From the Guidelines
Haemochromatosis with low ferritin does not require immediate therapeutic phlebotomy, and instead, patients should undergo evaluation for causes of iron deficiency and regular monitoring of ferritin levels every 3-6 months. In the context of haemochromatosis, low ferritin levels are unusual and may indicate early disease, blood loss, or another concurrent condition affecting iron levels 1. According to the EASL clinical practice guidelines on haemochromatosis 1, the target for iron depletion during the induction phase is a serum ferritin of 50 μg/L, but not lower to avoid iron deficiency. However, for patients with confirmed haemochromatosis genetic mutations but low ferritin, no therapeutic phlebotomy is indicated until ferritin levels rise above the normal range. Some key points to consider in managing haemochromatosis with low ferritin include:
- Evaluating for causes of iron deficiency such as gastrointestinal bleeding, menstrual blood loss, malabsorption, or dietary insufficiency 1
- Regular monitoring of ferritin levels every 3-6 months to detect when iron loading begins 1
- Treating any identified cause of iron deficiency while continuing to monitor iron parameters 1
- Initiating standard haemochromatosis management with therapeutic phlebotomy once ferritin levels begin to rise above normal, aiming to maintain ferritin in the low-normal range 1. It is also important to monitor serum haemoglobin during both induction and maintenance phases, and adjust the frequency of phlebotomy accordingly 1. Additionally, periodic checks of plasma folate and plasma cobalamin are recommended, especially in patients who require numerous venesections 1.
From the Research
Haemochromatosis with Low Ferritin
- Haemochromatosis is a genetic disorder characterized by excessive iron absorption, leading to iron overload and potential organ damage 2, 3, 4.
- The diagnosis of haemochromatosis is typically based on elevated serum ferritin levels and transferrin saturation, as well as genetic testing for HFE gene mutations 3, 5, 6.
- However, low ferritin levels in patients with haemochromatosis can pose a diagnostic challenge, as ferritin levels can be influenced by various factors such as inflammation, liver disease, and other iron overload syndromes 2, 6.
- Studies have shown that patients with HFE gene mutations, particularly C282Y homozygotes, can have abnormal transferrin saturation and serum ferritin values, but penetrance can be incomplete, and some individuals may have normal or low ferritin levels despite having the mutation 5, 6.

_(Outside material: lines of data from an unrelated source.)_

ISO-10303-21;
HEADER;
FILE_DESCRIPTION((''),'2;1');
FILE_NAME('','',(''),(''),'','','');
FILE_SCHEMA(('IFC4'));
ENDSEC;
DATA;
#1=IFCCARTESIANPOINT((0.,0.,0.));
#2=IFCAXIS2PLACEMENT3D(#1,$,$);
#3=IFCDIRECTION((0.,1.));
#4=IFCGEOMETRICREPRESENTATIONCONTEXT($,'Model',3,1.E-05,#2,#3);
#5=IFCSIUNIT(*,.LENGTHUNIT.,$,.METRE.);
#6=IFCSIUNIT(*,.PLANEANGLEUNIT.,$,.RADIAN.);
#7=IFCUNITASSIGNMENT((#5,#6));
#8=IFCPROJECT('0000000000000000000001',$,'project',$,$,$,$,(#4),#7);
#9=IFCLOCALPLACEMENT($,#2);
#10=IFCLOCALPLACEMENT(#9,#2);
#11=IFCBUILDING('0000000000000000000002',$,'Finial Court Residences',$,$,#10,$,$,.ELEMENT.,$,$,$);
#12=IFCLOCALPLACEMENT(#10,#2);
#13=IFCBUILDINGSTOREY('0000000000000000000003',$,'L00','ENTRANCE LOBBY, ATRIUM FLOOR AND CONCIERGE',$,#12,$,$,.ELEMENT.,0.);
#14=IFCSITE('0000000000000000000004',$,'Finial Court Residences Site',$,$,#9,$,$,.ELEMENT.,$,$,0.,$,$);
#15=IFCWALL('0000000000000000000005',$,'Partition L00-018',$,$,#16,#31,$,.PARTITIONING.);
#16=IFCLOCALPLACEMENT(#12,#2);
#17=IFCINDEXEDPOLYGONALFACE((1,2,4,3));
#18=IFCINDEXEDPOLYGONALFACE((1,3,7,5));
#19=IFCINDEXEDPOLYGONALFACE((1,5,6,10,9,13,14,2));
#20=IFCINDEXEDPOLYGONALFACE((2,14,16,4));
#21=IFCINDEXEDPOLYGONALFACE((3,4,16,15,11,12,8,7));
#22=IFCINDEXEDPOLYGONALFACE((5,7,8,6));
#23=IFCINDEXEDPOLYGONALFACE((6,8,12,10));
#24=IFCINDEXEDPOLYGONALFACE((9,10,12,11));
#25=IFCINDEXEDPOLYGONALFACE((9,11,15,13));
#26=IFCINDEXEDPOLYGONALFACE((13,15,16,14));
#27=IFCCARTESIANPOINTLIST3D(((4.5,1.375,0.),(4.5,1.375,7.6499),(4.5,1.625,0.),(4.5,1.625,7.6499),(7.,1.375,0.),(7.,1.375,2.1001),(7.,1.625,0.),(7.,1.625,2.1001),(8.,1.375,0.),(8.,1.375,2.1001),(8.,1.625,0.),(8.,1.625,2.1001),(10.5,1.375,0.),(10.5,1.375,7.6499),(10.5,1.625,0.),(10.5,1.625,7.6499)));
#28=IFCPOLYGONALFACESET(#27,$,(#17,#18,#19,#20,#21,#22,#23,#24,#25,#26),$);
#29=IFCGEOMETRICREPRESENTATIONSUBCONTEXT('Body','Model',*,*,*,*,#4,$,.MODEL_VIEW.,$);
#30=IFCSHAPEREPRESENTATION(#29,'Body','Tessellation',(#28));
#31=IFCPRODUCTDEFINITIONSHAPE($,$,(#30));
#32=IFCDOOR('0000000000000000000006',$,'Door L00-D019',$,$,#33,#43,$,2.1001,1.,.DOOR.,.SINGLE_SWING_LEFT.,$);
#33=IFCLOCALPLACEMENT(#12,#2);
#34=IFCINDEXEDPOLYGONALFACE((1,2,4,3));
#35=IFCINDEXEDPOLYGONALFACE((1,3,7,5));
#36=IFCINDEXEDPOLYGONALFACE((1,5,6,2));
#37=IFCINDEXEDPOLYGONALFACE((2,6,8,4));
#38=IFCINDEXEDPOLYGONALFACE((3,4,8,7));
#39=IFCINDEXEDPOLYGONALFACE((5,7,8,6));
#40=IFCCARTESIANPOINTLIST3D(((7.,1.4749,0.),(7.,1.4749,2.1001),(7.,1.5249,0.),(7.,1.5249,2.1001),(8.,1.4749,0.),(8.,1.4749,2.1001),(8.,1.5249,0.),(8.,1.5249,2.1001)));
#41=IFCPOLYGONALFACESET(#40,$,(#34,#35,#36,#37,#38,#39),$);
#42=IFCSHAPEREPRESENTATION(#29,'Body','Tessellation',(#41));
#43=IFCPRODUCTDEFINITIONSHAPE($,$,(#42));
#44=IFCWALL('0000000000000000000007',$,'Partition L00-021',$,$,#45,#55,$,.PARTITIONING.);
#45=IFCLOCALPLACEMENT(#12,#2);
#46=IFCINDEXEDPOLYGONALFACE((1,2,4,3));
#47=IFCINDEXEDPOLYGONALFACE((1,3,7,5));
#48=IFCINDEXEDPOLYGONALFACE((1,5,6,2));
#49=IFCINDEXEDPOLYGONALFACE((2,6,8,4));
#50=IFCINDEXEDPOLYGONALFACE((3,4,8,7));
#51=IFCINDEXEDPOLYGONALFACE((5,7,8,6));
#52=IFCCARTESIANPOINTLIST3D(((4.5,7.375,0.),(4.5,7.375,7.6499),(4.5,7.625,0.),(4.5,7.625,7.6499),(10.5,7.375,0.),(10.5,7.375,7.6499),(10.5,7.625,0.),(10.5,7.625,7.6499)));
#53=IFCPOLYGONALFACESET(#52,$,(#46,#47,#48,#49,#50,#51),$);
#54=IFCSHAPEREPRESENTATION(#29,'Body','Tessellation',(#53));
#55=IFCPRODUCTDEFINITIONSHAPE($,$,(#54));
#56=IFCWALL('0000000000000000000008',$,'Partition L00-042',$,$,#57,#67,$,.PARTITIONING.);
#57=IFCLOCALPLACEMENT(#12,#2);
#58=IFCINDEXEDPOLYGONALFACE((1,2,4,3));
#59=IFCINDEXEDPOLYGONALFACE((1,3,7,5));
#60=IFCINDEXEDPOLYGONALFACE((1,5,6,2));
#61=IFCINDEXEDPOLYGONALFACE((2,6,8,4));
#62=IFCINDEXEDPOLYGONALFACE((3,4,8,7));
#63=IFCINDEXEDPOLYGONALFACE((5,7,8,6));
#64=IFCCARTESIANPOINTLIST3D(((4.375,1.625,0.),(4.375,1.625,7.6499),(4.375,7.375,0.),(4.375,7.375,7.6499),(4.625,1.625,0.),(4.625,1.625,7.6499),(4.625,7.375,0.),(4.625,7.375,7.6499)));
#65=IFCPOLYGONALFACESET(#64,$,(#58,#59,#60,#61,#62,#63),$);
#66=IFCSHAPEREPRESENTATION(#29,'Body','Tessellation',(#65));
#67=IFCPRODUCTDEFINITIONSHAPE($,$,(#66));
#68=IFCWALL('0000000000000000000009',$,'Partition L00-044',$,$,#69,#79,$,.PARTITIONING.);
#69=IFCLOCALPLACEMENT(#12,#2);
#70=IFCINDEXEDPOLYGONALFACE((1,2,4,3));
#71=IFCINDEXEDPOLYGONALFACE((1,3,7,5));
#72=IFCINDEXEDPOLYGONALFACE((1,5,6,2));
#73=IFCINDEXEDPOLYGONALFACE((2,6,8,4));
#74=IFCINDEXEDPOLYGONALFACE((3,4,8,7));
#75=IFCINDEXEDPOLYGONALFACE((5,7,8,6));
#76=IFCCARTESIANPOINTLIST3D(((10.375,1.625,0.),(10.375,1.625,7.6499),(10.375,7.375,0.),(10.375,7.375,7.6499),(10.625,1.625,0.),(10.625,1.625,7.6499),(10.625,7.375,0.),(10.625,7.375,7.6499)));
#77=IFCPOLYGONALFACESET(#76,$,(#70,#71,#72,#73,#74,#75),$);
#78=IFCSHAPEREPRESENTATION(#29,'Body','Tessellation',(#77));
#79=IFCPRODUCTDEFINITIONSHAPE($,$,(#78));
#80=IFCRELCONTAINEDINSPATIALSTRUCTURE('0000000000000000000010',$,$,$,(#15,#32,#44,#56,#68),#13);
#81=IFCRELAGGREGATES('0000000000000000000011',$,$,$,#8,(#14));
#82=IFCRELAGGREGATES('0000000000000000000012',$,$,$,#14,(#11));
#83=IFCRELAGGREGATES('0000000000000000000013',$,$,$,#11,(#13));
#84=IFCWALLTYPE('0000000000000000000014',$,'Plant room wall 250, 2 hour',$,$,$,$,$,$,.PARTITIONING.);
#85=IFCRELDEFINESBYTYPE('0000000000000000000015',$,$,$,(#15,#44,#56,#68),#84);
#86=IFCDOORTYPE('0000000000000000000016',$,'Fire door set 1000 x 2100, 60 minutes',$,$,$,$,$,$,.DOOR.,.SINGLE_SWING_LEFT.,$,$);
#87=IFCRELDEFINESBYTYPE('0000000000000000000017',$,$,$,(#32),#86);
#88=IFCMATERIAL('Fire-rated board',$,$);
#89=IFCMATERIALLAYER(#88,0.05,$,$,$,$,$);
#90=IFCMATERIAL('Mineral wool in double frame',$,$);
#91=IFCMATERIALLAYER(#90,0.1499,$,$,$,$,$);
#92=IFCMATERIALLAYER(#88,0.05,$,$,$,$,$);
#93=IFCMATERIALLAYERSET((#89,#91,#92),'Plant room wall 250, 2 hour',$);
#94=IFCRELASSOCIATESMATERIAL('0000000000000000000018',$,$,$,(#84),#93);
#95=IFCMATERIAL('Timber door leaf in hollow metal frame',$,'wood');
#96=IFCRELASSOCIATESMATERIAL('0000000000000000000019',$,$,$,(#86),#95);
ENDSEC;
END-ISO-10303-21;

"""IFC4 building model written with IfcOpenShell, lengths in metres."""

from ifc_helpers import new_model, si_unit, direction, frame, frame_2d, origin, place, context, subcontext, project, spatial, rectangle, extrude, material, layer, layer_set, type_object, element, fill, save


model = new_model("IFC4")

# Units and contexts
model_context = context("Model", 3, precision=1e-05, world=origin(), true_north=direction((0.0, 1.0)))
body_context = subcontext(model_context, "Body", "Model", "MODEL_VIEW")
ifc_project = project(units=[si_unit("LENGTHUNIT", "METRE"), si_unit("PLANEANGLEUNIT", "RADIAN")], contexts=[model_context])

# Site, building, storey
site_placement = place(None, origin())
site = spatial("IfcSite", under=ifc_project, at=site_placement, Name="Finial Court Residences Site", CompositionType="ELEMENT", RefElevation=0.0)
building_placement = place(site_placement, origin())
building = spatial("IfcBuilding", under=site, at=building_placement, Name="Finial Court Residences", CompositionType="ELEMENT")
storey_placement = place(building_placement, origin())
storey = spatial("IfcBuildingStorey", under=building, at=storey_placement, Name="L00", Description="ENTRANCE LOBBY, ATRIUM FLOOR AND CONCIERGE", CompositionType="ELEMENT", Elevation=0.0)

# Shared definitions
ifc_material_1 = material(Name="Timber door leaf in hollow metal frame", Category="wood")

# Wall, opening, door
ifc_material_2 = material(Name="Fire-rated board")
ifc_layer_1 = layer(ifc_material_2, 0.05)
ifc_material_3 = material(Name="Mineral wool in double frame")
ifc_layer_2 = layer(ifc_material_3, 0.1499)
ifc_layer_3 = layer(ifc_material_2, 0.05)
ifc_layer_set_1 = layer_set([ifc_layer_1, ifc_layer_2, ifc_layer_3], Name="Plant room wall 250, 2 hour")
wall_type_1 = type_object("IfcWallType", Name="Plant room wall 250, 2 hour", PredefinedType="PARTITIONING", material=ifc_layer_set_1)
wall_1_placement = place(storey_placement, frame((4.5, 1.5, 0.0), z_axis=(0.0, 0.0, 1.0), x_axis=(1.0, 0.0, 0.0)))
wall_1 = element("IfcWall", 1, at=wall_1_placement, inside=storey, type_object=wall_type_1, Name="Partition L00-018", PredefinedType="PARTITIONING", context=body_context, shape_type="SweptSolid", body=[
    extrude(rectangle(XDim=6.0, YDim=0.25, at=frame_2d((3.0, 0.0))), origin(), (0.0, 0.0, 1.0), 7.6499),
])
opening_1_placement = place(wall_1_placement, frame((2.5, 0.0, 0.0)))
opening_1 = element("IfcOpeningElement", 2, at=opening_1_placement, cuts=wall_1, PredefinedType="OPENING", context=body_context, shape_type="SweptSolid", body=[
    extrude(rectangle(XDim=1.0, YDim=2.1001, at=frame_2d((0.5, 1.05))), frame((0.0, 0.135, 0.0), z_axis=(0.0, -1.0, 0.0), x_axis=(1.0, 0.0, 0.0)), (0.0, 0.0, 1.0), 0.27),
])
door_type_1 = type_object("IfcDoorType", Name="Fire door set 1000 x 2100, 60 minutes", OperationType="SINGLE_SWING_LEFT", PredefinedType="DOOR", material=ifc_material_1)
door_1_placement = place(opening_1_placement, origin())
door_1 = element("IfcDoor", 3, at=door_1_placement, inside=storey, type_object=door_type_1, Name="Door L00-D019", OperationType="SINGLE_SWING_LEFT", OverallHeight=2.1001, OverallWidth=1.0, PredefinedType="DOOR", context=body_context, shape_type="SweptSolid", body=[
    extrude(rectangle(XDim=1.0, YDim=2.1001, at=frame_2d((0.5, 1.05))), frame((0.0, 0.0249, 0.0), z_axis=(0.0, -1.0, 0.0), x_axis=(1.0, 0.0, 0.0)), (0.0, 0.0, 1.0), 0.05),
])
fill(opening_1, door_1)

# Walls
wall_2_placement = place(storey_placement, frame((4.5, 7.5, 0.0), z_axis=(0.0, 0.0, 1.0), x_axis=(1.0, 0.0, 0.0)))
element("IfcWall", 4, at=wall_2_placement, inside=storey, type_object=wall_type_1, Name="Partition L00-021", PredefinedType="PARTITIONING", context=body_context, shape_type="SweptSolid", body=[
    extrude(rectangle(XDim=6.0, YDim=0.25, at=frame_2d((3.0, 0.0))), origin(), (0.0, 0.0, 1.0), 7.6499),
])
for number, where, z_axis, x_axis, name in (
    (5, (4.5, 1.625, 0.0), (0.0, 0.0, 1.0), (0.0, 1.0, 0.0), "Partition L00-042"),
    (6, (10.5, 1.625, 0.0), (0.0, 0.0, 1.0), (0.0, 1.0, 0.0), "Partition L00-044"),
):
    element("IfcWall", number, at=place(storey_placement, frame(where, z_axis=z_axis, x_axis=x_axis)), inside=storey, type_object=wall_type_1, Name=name, PredefinedType="PARTITIONING", context=body_context, shape_type="SweptSolid", body=[
        extrude(rectangle(XDim=5.75, YDim=0.25, at=frame_2d((2.875, 0.0))), origin(), (0.0, 0.0, 1.0), 7.6499),
    ])

save(model, "model.ifc")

- In cases where ferritin levels are low, other diagnostic approaches such as genetic testing, liver biopsy, and magnetic resonance imaging (MRI) may be necessary to confirm the diagnosis of haemochromatosis 3, 4.
Diagnostic Considerations
- Serum ferritin measurement is a useful prognostic indicator of disease severity, but it is not always elevated in patients with haemochromatosis 3, 5.
- Transferrin saturation is also an important diagnostic parameter, but it can be influenced by factors such as iron deficiency and inflammation 5.
- Genetic testing for HFE gene mutations can help confirm the diagnosis of haemochromatosis, but it is not always necessary, and other diagnostic approaches may be sufficient 3, 6.
- Liver biopsy may be necessary to stage the degree of fibrosis and diagnose non-classical hereditary hemochromatosis in patients with other genetic defects 3.
Management and Treatment
- Phlebotomy is the first-line treatment for haemochromatosis, and it is guided by serial measurements of serum ferritin levels and transferrin saturation 3, 4.
- Dietary modification is generally unnecessary, but a healthy, well-balanced diet is recommended as part of the ongoing management of the disease 4.
- Iron avidity can result from overtreatment, and it may mimic undertreatment with persistently elevated transferrin saturation 3.